# game type j



## surfsideperson (Aug 22, 2005)

has anyone tried out the shimano game type j
i just bought 2 and i like them so far, i put a stella 4000 on one and i am going to see if i can get an Aj on one friday. 
thoughts. 
the other one i got i put a diawa saltist 30 --- two speed reel on for my daughter who is 8 for snapper and offshore fishing.


----------



## Etexag (Sep 28, 2015)

I have not fished with one yet, but that is probably my next rod purchase....they are awesome and super light


----------



## ikeephardheads (Feb 23, 2008)

LEGIT LEGIT LEGIT!! Facebook @Kevin Ngueyn, he owns samurai tackle. He's the biggest shimano high end dealer i know. He will get you All the TypeJ, Ocea Jiggers, Anything shimano you need at a great price! ALL the JDM stuff also.
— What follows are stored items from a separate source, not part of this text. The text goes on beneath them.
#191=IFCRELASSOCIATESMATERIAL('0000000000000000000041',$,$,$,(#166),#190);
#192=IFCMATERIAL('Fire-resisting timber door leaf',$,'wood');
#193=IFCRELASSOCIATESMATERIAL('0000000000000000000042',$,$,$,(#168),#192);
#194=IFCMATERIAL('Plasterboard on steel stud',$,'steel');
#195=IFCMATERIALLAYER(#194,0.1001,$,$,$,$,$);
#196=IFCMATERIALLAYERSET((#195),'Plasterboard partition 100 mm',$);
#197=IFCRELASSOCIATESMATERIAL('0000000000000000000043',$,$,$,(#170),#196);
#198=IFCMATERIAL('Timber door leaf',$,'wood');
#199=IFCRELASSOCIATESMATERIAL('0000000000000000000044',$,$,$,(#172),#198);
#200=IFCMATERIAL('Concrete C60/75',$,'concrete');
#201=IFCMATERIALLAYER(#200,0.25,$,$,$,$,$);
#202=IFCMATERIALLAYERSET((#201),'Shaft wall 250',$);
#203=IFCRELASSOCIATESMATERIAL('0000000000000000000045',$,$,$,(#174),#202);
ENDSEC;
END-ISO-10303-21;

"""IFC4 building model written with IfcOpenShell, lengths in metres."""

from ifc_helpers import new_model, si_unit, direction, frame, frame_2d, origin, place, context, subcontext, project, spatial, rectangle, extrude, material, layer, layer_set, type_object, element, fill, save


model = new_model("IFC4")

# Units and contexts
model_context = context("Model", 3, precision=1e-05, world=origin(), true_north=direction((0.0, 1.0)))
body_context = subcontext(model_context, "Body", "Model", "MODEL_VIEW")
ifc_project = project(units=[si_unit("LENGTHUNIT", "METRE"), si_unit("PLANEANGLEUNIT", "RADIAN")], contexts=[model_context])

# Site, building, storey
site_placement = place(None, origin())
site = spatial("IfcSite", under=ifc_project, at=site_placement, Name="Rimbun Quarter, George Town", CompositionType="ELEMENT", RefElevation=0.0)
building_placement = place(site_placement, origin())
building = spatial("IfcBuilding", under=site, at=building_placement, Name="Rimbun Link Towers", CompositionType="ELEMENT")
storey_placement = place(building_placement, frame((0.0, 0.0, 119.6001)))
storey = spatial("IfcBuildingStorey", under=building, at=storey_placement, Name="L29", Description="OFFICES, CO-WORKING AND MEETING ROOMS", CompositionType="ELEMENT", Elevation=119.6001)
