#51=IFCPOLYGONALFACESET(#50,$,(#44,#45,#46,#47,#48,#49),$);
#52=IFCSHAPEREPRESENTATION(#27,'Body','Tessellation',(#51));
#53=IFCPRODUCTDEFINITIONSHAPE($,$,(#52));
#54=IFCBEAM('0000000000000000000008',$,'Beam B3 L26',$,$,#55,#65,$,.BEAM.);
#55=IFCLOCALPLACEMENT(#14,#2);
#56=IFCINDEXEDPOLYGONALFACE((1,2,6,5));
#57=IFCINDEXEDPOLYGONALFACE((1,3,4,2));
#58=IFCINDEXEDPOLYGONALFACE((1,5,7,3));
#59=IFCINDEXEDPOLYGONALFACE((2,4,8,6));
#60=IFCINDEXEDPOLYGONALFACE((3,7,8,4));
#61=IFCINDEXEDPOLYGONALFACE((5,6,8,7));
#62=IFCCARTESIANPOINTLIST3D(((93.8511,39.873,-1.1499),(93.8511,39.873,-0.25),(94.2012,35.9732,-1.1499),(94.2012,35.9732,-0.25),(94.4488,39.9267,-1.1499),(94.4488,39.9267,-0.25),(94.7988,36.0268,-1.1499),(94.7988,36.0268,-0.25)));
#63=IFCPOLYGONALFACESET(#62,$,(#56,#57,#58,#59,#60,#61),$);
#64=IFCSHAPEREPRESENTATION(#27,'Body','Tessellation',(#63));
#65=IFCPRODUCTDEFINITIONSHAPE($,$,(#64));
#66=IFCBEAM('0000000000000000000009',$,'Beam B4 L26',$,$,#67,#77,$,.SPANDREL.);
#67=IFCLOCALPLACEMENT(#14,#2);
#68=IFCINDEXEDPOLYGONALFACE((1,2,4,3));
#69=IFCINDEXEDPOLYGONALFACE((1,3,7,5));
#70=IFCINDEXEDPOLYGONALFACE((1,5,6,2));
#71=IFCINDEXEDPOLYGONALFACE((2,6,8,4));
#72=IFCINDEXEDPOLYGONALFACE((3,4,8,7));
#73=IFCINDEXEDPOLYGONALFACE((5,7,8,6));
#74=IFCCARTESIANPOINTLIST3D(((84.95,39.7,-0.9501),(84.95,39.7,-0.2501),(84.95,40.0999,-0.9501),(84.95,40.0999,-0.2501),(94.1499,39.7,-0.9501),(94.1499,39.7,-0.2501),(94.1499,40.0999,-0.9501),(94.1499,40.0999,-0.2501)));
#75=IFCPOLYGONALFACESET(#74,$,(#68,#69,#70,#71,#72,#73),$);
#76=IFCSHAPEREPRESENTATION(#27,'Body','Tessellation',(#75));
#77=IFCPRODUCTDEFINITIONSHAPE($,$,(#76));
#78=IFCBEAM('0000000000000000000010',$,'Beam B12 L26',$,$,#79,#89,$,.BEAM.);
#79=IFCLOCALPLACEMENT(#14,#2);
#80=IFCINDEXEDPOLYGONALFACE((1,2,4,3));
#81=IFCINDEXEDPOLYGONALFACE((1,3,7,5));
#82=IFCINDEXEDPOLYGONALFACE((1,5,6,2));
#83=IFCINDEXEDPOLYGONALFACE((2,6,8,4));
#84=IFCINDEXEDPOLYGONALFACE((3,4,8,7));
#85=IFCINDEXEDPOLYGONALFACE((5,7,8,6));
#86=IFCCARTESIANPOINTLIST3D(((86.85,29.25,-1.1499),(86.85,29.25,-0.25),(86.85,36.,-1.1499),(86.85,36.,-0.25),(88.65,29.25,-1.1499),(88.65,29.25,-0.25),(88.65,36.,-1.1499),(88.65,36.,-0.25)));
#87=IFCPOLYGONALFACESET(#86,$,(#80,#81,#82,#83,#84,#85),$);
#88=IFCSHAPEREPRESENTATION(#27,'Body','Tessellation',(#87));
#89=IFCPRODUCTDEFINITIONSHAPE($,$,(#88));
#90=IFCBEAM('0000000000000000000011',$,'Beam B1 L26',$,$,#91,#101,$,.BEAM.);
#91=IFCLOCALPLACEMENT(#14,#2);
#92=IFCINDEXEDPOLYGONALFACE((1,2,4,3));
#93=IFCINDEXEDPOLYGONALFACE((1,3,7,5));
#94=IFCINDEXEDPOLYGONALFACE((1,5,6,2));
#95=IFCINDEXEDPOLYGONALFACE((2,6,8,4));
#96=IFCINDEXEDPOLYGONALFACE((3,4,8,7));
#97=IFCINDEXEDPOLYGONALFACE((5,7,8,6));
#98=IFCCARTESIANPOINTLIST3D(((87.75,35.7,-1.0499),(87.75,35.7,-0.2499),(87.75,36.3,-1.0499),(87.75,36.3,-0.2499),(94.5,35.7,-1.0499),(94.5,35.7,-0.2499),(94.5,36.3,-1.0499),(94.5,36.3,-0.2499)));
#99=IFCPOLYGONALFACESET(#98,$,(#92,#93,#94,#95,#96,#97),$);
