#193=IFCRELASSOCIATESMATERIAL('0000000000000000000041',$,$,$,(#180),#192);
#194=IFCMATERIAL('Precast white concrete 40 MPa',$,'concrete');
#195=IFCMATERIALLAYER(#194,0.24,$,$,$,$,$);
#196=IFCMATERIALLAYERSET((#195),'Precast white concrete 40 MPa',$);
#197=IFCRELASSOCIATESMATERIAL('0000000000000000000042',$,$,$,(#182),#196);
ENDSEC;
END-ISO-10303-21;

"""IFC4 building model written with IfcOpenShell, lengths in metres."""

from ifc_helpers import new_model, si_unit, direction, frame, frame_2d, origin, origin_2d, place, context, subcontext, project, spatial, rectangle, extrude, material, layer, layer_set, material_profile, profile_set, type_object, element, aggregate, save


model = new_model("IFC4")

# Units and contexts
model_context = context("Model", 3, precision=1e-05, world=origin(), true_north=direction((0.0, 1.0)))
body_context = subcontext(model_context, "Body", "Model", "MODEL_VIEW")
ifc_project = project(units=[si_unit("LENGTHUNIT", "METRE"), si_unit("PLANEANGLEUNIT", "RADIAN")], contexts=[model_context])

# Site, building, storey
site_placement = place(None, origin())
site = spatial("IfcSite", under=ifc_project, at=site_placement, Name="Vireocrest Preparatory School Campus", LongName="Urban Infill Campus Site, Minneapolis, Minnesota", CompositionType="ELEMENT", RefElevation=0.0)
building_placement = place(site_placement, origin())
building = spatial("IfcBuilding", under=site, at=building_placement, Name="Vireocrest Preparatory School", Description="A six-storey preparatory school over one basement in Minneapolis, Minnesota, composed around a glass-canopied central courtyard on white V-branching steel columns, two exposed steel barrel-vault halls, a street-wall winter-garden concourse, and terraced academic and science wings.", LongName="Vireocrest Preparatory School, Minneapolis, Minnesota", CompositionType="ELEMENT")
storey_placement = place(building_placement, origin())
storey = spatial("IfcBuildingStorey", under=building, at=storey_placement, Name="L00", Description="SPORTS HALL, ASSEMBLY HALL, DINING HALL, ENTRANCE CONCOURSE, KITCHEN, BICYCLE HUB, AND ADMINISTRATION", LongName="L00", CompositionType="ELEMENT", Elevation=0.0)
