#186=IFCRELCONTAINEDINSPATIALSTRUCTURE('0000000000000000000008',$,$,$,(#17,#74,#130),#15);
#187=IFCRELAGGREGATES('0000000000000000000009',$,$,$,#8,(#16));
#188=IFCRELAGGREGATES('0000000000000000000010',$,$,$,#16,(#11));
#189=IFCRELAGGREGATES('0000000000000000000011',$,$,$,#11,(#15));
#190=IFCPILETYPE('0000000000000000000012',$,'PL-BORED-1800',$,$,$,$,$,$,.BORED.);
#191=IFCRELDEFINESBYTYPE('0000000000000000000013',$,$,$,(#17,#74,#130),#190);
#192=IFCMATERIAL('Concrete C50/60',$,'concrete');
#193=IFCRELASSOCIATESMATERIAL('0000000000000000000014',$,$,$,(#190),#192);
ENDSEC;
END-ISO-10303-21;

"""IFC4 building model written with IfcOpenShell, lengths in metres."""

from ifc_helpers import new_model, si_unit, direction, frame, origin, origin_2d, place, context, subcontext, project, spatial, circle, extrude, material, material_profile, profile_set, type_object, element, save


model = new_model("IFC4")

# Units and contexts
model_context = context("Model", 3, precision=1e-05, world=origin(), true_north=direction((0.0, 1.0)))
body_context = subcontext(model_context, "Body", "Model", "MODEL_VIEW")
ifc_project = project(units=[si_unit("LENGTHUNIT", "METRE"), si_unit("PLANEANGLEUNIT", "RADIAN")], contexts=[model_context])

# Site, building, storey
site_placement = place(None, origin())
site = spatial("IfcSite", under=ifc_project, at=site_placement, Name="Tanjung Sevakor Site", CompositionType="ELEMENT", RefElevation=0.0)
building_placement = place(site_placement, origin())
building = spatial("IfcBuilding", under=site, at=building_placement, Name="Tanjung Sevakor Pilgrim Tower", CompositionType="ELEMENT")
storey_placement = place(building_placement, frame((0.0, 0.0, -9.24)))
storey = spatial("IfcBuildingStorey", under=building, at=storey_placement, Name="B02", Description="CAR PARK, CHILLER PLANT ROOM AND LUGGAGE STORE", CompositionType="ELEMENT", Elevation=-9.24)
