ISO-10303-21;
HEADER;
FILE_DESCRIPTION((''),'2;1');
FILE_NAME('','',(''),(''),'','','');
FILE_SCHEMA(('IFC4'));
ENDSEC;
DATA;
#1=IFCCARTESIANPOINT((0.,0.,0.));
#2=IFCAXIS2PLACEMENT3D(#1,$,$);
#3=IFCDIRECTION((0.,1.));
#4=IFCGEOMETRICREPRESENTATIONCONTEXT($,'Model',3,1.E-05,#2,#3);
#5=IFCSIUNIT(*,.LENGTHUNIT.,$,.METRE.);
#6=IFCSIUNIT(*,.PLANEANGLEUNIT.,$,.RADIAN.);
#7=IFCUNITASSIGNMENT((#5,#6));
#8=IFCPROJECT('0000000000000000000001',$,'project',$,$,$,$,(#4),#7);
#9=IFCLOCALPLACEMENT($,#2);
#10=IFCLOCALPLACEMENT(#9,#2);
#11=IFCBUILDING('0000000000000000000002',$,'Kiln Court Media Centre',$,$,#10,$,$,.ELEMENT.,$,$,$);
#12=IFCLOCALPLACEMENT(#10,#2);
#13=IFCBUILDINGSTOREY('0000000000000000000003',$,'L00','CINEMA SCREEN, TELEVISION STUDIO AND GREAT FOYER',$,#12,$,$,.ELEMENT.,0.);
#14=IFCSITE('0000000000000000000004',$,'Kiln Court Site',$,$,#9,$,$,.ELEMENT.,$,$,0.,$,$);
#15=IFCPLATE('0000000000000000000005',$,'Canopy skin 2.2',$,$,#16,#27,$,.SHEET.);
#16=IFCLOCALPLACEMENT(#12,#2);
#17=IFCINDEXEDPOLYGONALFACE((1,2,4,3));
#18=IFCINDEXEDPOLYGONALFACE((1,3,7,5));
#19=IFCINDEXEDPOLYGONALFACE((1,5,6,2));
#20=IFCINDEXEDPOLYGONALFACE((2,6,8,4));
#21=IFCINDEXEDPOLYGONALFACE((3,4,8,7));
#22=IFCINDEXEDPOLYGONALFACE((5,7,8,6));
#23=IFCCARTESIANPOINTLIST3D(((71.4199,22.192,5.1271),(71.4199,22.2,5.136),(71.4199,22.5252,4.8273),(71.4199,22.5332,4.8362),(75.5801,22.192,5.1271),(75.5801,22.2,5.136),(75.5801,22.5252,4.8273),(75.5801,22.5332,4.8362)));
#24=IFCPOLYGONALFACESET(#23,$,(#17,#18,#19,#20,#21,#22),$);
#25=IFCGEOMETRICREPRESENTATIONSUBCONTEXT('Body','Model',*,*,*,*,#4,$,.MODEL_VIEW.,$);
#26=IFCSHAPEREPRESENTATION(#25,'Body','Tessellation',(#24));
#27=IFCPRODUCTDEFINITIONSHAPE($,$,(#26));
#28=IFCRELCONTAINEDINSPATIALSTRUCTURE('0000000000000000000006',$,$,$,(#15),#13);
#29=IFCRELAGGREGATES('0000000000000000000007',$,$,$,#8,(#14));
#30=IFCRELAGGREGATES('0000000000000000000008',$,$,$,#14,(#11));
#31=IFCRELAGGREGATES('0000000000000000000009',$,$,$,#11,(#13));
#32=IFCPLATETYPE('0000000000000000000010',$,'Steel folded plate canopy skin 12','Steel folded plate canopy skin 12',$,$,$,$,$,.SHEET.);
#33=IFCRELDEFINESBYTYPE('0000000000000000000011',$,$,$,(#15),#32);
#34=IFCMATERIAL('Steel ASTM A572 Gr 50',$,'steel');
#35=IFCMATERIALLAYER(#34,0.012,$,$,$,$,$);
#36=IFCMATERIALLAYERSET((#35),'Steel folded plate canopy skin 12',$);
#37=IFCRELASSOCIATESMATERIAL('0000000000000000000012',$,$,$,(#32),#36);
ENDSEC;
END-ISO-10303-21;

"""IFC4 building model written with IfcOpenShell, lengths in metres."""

from ifc_helpers import new_model, si_unit, direction, frame, origin, place, context, subcontext, project, spatial, polyline, outline, extrude, material, layer, layer_set, type_object, element, save


model = new_model("IFC4")

# Units and contexts
model_context = context("Model", 3, precision=1e-05, world=origin(), true_north=direction((0.0, 1.0)))
body_context = subcontext(model_context, "Body", "Model", "MODEL_VIEW")
ifc_project = project(units=[si_unit("LENGTHUNIT", "METRE"), si_unit("PLANEANGLEUNIT", "RADIAN")], contexts=[model_context])

# Site, building, storey
site_placement = place(None, origin())
site = spatial("IfcSite", under=ifc_project, at=site_placement, Name="Kiln Court Site", CompositionType="ELEMENT", RefElevation=0.0)
building_placement = place(site_placement, origin())
building = spatial("IfcBuilding", under=site, at=building_placement, Name="Kiln Court Media Centre", CompositionType="ELEMENT")
storey_placement = place(building_placement, origin())
storey = spatial("IfcBuildingStorey", under=building, at=storey_placement, Name="L00", Description="CINEMA SCREEN, TELEVISION STUDIO AND GREAT FOYER", CompositionType="ELEMENT", Elevation=0.0)

# Plate
ifc_material_1 = material(Name="Steel ASTM A572 Gr 50", Category="steel")
ifc_layer_1 = layer(ifc_material_1, 0.012)
ifc_layer_set_1 = layer_set([ifc_layer_1], Name="Steel folded plate canopy skin 12")
plate_type_1 = type_object("IfcPlateType", Name="Steel folded plate canopy skin 12", Description="Steel folded plate canopy skin 12", PredefinedType="SHEET", material=ifc_layer_set_1)
for number, where, z_axis, x_axis, name in (
    (1, (71.4199, 22.2, 5.136), (0.0, 0.668814, 0.74343), (1.0, 0.0, 0.0), "Canopy skin 2.2"),
):
    element("IfcPlate", number, at=place(storey_placement, frame(where, z_axis=z_axis, x_axis=x_axis)), inside=storey, type_object=plate_type_1, Name=name, PredefinedType="SHEET", context=body_context, shape_type="SweptSolid", body=[
        extrude(outline(polyline([(0.0, 0.0), (4.1602, 0.0), (4.1602, 0.4483), (0.0, 0.4483), (0.0, 0.0)])), origin(), (0.0, 0.0, -1.0), 0.012),
    ])

save(model, "model.ifc")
Type J will pull on AJ's just as good as Ocea Jiggers.


----------



## surfsideperson (Aug 22, 2005)

*thanks*

thanks guys, i have now been using the spinning rod with the stella 4000
and i have caught a small aj, and black fin tuna, and some nice 25 lbs snapper in it , my daughter has yet to use hers as the seas have not been flat enough but the rod and reel are ready to go.


----------